地図の中で一番大きな大陸のど真ん中にある大きな赤い点だ。

周りに引いてある国境線を見れば、この国の規模もすぐにわかる。その大きな大陸のうちの3割ほどはこの国の領域だ。


 ただ……それは、僕が見たこともない世界地図なのだ。

病室の小さな机の淵には、前母さんが買ってくれた小さな世界地図がセロハンテープでぶら下げてあった。

少なくともその地図には、こんな大陸存在してなかった。

これが外国の地図だとしても、右端に僕のよく知る島国"日本"があるはずなんだ。ただ……この地図にはそれすら無い。

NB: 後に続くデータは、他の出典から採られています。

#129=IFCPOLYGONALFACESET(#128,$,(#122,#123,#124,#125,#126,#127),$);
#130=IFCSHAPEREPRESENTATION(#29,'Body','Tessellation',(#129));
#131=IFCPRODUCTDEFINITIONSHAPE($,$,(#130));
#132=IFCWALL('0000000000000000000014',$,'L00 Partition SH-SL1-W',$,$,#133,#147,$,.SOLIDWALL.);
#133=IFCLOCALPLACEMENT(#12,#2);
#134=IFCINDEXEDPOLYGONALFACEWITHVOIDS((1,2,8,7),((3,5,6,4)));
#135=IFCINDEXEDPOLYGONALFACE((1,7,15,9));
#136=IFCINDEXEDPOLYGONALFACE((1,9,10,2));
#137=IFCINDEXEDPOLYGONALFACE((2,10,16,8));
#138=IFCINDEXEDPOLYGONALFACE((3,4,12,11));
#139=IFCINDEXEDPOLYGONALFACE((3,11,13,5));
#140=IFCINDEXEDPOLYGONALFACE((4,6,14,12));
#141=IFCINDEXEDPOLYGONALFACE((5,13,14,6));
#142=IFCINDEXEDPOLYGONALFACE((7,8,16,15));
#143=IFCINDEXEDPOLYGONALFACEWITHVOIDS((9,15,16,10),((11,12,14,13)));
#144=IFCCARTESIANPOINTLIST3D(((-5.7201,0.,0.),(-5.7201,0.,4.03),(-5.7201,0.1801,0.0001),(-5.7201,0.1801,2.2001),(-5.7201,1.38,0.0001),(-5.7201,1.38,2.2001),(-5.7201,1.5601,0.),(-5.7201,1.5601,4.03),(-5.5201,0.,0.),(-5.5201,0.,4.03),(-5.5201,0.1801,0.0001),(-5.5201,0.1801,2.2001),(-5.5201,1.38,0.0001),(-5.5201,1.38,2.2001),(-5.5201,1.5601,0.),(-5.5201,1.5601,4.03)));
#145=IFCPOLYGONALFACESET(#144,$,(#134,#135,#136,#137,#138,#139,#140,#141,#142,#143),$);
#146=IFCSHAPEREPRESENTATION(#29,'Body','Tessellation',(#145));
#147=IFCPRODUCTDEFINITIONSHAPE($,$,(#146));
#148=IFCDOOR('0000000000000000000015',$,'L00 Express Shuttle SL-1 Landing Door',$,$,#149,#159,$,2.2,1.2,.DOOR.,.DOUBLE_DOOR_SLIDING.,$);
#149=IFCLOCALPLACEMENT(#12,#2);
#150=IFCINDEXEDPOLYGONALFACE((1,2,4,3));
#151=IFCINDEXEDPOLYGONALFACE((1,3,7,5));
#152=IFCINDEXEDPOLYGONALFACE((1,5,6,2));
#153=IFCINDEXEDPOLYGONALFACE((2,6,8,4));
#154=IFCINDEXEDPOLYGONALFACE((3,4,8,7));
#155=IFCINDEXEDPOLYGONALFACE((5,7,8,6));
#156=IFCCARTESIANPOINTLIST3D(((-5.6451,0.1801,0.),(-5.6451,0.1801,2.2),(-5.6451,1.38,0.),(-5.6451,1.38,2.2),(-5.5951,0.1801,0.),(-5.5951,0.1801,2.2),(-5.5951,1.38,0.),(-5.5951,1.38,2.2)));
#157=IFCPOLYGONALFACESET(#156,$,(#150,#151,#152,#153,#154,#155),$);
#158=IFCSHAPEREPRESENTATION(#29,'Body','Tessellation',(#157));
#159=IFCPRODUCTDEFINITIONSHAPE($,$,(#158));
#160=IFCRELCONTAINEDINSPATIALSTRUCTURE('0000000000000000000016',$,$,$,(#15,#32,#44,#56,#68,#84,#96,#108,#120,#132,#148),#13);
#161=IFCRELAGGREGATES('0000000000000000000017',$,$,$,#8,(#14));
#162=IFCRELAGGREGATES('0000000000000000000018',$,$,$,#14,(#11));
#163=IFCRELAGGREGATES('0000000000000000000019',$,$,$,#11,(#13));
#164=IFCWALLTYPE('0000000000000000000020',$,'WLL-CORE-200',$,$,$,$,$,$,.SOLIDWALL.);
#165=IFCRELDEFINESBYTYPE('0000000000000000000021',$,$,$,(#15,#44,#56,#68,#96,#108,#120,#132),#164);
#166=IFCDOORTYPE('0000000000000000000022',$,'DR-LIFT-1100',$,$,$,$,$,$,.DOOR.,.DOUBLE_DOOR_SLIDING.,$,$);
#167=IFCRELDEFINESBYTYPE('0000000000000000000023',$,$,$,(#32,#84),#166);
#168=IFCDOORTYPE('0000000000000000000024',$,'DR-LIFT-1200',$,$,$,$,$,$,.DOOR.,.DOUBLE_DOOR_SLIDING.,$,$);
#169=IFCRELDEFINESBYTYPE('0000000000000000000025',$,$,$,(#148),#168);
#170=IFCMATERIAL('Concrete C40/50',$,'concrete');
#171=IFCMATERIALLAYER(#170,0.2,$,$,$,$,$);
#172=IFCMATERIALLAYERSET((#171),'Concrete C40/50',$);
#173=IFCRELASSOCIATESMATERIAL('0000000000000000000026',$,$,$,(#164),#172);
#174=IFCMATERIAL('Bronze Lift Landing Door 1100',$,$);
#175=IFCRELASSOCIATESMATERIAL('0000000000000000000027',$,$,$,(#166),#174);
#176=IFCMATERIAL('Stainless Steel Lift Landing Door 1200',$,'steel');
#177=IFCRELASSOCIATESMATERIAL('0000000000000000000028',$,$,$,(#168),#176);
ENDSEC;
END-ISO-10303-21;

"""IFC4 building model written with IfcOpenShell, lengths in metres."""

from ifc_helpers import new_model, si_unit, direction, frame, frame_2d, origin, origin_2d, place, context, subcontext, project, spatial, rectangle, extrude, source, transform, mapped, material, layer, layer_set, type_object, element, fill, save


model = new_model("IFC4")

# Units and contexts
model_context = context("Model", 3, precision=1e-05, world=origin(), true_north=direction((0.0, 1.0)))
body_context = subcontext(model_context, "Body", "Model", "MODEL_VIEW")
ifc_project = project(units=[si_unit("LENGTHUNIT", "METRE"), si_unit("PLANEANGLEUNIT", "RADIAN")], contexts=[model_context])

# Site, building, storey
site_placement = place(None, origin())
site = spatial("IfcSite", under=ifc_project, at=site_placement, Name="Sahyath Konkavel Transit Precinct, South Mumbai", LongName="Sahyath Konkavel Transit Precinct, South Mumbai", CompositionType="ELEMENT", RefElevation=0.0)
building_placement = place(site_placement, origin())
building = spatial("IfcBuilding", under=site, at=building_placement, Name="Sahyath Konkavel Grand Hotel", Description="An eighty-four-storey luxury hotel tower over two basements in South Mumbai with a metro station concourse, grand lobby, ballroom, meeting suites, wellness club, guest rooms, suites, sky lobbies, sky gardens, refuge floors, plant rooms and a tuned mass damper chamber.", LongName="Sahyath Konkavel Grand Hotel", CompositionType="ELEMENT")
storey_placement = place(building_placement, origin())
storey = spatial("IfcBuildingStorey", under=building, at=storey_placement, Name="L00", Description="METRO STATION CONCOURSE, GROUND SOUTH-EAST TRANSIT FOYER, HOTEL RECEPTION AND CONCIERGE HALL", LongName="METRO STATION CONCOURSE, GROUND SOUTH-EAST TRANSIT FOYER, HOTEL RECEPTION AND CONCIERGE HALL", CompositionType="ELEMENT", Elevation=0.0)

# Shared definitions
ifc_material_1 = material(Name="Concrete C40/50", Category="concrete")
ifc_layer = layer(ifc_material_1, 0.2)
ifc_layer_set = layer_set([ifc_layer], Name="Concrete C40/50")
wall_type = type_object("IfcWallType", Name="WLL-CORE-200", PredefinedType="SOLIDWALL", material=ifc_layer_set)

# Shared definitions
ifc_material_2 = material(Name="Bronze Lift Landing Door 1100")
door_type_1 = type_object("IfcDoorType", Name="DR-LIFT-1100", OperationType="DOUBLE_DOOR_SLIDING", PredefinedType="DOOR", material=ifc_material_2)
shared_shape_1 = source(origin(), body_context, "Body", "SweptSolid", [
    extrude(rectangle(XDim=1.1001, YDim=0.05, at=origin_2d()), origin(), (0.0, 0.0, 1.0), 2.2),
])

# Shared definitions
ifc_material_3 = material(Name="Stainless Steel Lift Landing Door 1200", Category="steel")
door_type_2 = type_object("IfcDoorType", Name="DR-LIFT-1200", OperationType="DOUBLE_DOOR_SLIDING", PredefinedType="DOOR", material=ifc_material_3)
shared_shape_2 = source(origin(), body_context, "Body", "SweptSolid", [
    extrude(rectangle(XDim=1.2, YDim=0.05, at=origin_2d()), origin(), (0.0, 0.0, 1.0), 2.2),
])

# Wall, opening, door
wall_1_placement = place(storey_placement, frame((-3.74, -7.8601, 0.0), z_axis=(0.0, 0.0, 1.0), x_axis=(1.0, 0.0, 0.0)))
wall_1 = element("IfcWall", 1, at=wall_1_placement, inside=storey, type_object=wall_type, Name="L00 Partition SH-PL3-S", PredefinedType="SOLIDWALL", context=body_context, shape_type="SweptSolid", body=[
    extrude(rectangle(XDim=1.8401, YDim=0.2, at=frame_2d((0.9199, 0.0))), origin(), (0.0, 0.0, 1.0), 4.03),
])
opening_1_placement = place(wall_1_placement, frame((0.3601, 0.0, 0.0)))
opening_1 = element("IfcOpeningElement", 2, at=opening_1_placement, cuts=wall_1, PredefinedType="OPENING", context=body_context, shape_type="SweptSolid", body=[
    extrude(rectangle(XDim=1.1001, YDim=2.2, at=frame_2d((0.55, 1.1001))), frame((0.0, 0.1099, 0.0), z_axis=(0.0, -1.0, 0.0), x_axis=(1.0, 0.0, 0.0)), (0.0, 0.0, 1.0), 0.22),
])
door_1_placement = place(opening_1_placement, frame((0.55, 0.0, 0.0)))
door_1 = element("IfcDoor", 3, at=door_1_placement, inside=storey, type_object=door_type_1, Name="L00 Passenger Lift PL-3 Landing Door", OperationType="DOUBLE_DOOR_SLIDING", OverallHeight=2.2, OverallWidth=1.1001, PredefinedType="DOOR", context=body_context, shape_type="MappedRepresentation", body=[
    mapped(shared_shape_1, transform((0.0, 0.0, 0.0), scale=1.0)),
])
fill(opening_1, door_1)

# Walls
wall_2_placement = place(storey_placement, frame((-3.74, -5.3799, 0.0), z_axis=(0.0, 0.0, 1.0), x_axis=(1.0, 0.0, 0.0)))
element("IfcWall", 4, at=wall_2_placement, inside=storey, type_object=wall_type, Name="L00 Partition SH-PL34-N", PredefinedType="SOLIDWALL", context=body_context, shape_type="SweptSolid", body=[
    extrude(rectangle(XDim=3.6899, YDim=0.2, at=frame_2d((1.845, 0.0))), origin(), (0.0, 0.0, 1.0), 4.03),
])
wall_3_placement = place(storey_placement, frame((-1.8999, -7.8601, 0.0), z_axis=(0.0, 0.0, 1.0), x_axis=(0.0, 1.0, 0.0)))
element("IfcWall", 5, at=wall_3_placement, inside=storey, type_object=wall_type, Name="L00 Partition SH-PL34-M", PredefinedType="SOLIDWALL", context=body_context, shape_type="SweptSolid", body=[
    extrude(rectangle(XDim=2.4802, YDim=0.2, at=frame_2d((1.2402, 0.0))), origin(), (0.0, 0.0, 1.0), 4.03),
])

「あ、あの……ここのせかいって、ちきゅうですよね?」


「……ははっ、エールちゃん冗談だよね? ……な、オルガ」


「しょ、将来は旅芸人かもな! はは、ははは……」


 ずっとおかしいと思ってたんだ……気味の悪い虫はいるし、剣を持ってても何も咎められないし。そして、やっといまそれが確信に変わった。




 ここは……この世界は、僕の知っている世界じゃない。